What's going to happen this year?  I don't really know yet, but I think it's time to sit down and figure it out.  I'm probably looking at somewhere between $200 and $300 all told if we do things as usual, and then Dear Child's birthday rolls around at the beginning of January.  And that will be another $200 or so, including the party.  Let's see.  I don't really have an extra $500, so it could be interesting.  There's just over 5 weeks until Hanukkah and I get paid 3 times before then.  I don't think I'll have an extra $100 to put away off each cheque, given that I'm already putting away $106 from each one to pay Home Depot at the end of December.  I'll have to do what I can and see where that leaves me.  I have a $5 certificate from Best Buy and I should check my Ipsos account to see if I have enough points for a reward card from somewhere useful.  I'll plan to write a followup post when I get things figured out a little more.

1 comment:

Abigail said...

Hey Shevy,

I grew up in a fairly agnostic household. Mom grew up Methodist, Dad grew up Jewish. But we never went to temple/church, so mainly holidays were just about giving/receiving gifts. Which probably sounds horribly materialistic, but I'm not talking about rampant consumerism. Just there was no religious background to either holiday, as far as celebrations were concerned.

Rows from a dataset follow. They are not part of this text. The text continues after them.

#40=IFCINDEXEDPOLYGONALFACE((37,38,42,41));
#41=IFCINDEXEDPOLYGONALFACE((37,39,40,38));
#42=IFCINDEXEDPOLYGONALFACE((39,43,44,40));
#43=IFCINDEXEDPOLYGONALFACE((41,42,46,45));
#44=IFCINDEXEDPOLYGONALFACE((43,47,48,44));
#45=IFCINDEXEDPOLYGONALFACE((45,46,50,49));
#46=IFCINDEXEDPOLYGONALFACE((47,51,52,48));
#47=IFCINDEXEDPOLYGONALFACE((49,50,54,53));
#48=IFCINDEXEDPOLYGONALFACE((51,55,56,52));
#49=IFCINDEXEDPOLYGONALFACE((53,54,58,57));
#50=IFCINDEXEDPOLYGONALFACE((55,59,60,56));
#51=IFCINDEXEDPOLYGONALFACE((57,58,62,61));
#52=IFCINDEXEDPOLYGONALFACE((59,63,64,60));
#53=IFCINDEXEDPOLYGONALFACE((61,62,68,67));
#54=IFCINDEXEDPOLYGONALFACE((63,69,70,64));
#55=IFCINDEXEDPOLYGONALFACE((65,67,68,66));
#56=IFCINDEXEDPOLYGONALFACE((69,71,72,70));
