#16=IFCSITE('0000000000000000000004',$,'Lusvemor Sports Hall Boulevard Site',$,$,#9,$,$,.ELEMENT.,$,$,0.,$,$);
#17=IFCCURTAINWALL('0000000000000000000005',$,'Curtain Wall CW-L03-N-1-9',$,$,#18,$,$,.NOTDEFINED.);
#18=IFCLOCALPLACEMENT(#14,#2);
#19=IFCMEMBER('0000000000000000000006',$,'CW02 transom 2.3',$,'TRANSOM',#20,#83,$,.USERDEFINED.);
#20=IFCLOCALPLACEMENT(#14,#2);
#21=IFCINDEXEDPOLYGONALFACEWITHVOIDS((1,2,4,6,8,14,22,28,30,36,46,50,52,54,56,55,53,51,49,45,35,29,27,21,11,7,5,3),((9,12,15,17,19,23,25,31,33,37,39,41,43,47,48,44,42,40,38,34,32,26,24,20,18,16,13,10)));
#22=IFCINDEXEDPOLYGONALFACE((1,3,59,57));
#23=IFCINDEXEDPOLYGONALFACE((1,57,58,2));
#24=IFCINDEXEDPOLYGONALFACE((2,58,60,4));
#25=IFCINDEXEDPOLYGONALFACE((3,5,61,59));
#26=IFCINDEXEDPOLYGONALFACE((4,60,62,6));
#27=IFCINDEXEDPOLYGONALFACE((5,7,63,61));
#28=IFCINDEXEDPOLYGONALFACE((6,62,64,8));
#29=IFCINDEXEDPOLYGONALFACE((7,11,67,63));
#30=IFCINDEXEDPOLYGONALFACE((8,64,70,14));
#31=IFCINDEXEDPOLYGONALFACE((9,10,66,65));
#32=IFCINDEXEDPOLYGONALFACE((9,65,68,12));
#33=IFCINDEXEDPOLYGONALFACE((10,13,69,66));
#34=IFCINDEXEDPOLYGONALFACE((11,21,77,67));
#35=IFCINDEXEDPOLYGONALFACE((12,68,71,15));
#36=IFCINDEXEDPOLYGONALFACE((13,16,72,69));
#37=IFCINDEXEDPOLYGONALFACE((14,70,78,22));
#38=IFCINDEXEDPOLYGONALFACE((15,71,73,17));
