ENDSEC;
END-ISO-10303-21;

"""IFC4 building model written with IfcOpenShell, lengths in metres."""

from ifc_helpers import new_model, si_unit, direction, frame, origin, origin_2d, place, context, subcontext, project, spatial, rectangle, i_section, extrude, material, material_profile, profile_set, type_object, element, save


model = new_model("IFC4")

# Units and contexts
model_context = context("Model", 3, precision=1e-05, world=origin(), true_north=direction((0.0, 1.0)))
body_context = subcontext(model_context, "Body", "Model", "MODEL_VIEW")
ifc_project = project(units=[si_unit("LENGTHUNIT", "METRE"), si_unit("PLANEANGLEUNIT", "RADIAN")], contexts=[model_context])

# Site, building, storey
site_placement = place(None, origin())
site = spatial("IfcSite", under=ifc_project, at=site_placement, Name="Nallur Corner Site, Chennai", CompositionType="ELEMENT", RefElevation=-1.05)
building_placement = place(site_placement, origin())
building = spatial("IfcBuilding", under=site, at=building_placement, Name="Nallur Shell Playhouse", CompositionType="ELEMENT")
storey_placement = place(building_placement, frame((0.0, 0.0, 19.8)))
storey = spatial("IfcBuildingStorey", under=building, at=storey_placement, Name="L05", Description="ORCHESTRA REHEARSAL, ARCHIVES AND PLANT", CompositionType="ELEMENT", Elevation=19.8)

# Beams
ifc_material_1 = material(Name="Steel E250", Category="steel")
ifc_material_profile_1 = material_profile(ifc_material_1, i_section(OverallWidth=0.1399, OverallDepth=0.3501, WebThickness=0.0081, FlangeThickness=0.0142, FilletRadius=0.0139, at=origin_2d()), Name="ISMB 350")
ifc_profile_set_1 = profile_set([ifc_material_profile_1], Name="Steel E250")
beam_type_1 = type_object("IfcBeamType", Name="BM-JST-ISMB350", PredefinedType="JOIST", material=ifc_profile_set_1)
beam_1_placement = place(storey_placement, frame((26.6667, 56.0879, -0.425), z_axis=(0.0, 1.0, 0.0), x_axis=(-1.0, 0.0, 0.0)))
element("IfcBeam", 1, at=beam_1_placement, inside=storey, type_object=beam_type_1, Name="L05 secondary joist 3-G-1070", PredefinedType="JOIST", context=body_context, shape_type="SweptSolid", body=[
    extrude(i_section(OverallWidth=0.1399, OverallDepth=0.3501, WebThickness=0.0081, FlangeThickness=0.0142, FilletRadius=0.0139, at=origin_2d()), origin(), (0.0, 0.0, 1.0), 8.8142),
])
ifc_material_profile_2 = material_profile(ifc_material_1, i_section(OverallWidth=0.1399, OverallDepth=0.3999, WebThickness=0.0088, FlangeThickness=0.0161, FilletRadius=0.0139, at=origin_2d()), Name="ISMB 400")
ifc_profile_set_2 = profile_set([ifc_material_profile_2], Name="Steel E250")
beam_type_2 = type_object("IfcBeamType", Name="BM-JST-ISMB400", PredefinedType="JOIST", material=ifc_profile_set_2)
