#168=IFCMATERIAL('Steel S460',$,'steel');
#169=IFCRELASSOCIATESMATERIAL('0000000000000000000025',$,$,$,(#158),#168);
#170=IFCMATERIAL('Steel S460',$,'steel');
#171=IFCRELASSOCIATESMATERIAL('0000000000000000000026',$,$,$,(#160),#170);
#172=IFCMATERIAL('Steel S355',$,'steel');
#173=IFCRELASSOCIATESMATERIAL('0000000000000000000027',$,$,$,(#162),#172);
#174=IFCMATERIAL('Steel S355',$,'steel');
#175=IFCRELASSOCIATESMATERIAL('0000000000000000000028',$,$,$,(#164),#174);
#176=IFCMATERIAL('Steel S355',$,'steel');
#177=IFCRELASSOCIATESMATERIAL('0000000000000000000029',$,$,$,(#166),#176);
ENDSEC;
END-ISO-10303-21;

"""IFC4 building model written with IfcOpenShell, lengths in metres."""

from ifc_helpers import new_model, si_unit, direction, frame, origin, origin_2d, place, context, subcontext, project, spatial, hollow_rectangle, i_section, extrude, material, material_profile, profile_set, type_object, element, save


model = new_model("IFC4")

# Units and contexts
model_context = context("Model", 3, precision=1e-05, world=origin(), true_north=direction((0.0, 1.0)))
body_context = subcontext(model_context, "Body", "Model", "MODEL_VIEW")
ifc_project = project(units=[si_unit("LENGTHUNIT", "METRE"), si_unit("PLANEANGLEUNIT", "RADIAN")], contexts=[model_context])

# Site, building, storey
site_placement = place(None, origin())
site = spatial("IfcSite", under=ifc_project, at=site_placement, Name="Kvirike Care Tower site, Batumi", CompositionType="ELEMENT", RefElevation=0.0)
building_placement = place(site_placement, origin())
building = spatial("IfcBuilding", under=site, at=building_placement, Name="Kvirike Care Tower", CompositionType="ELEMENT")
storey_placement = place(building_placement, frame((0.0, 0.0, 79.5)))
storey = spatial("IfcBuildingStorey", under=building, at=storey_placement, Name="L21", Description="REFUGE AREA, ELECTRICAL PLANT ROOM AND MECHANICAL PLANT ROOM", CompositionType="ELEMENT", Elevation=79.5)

I wish we would all calm down a little about the holidays. It's ludicrous how much most people spend on the holiday. Frankly, I'm a little sheepish and we are only spending about $175. Of course, that's mainly thanks to the rewards points, which let me get a $200 PSP bundle for free.

For the most part, I grew up that you get one big present for Christmas and the rest are little things. It still adds up, I think. But I also grew up thinking that a $50 present was the "big" present.

As you said, it gets harder and harder to get affordable gifts, as the market floods with expensive gadgets that advertisers convince kids they have to have.

I think maybe Christmas-celebrators should do the whole 12 days of Christmas. Without the weird presents named in the song. If each present has to correspond to a particular day, we'd be more aware of how much we had already bought, which might lower spending.


It drives me crazy because you know this year they'll once again predict that Christmas shopping will be terrible and low, and most people will still go out and overspend anyway. They did it last year, they'll do it again.

Now I'm just grumpy and it's not even anywhere near the Christmas season! I guess it's a good thing that I'm very nearly all bought up and won't have to face too many crowds.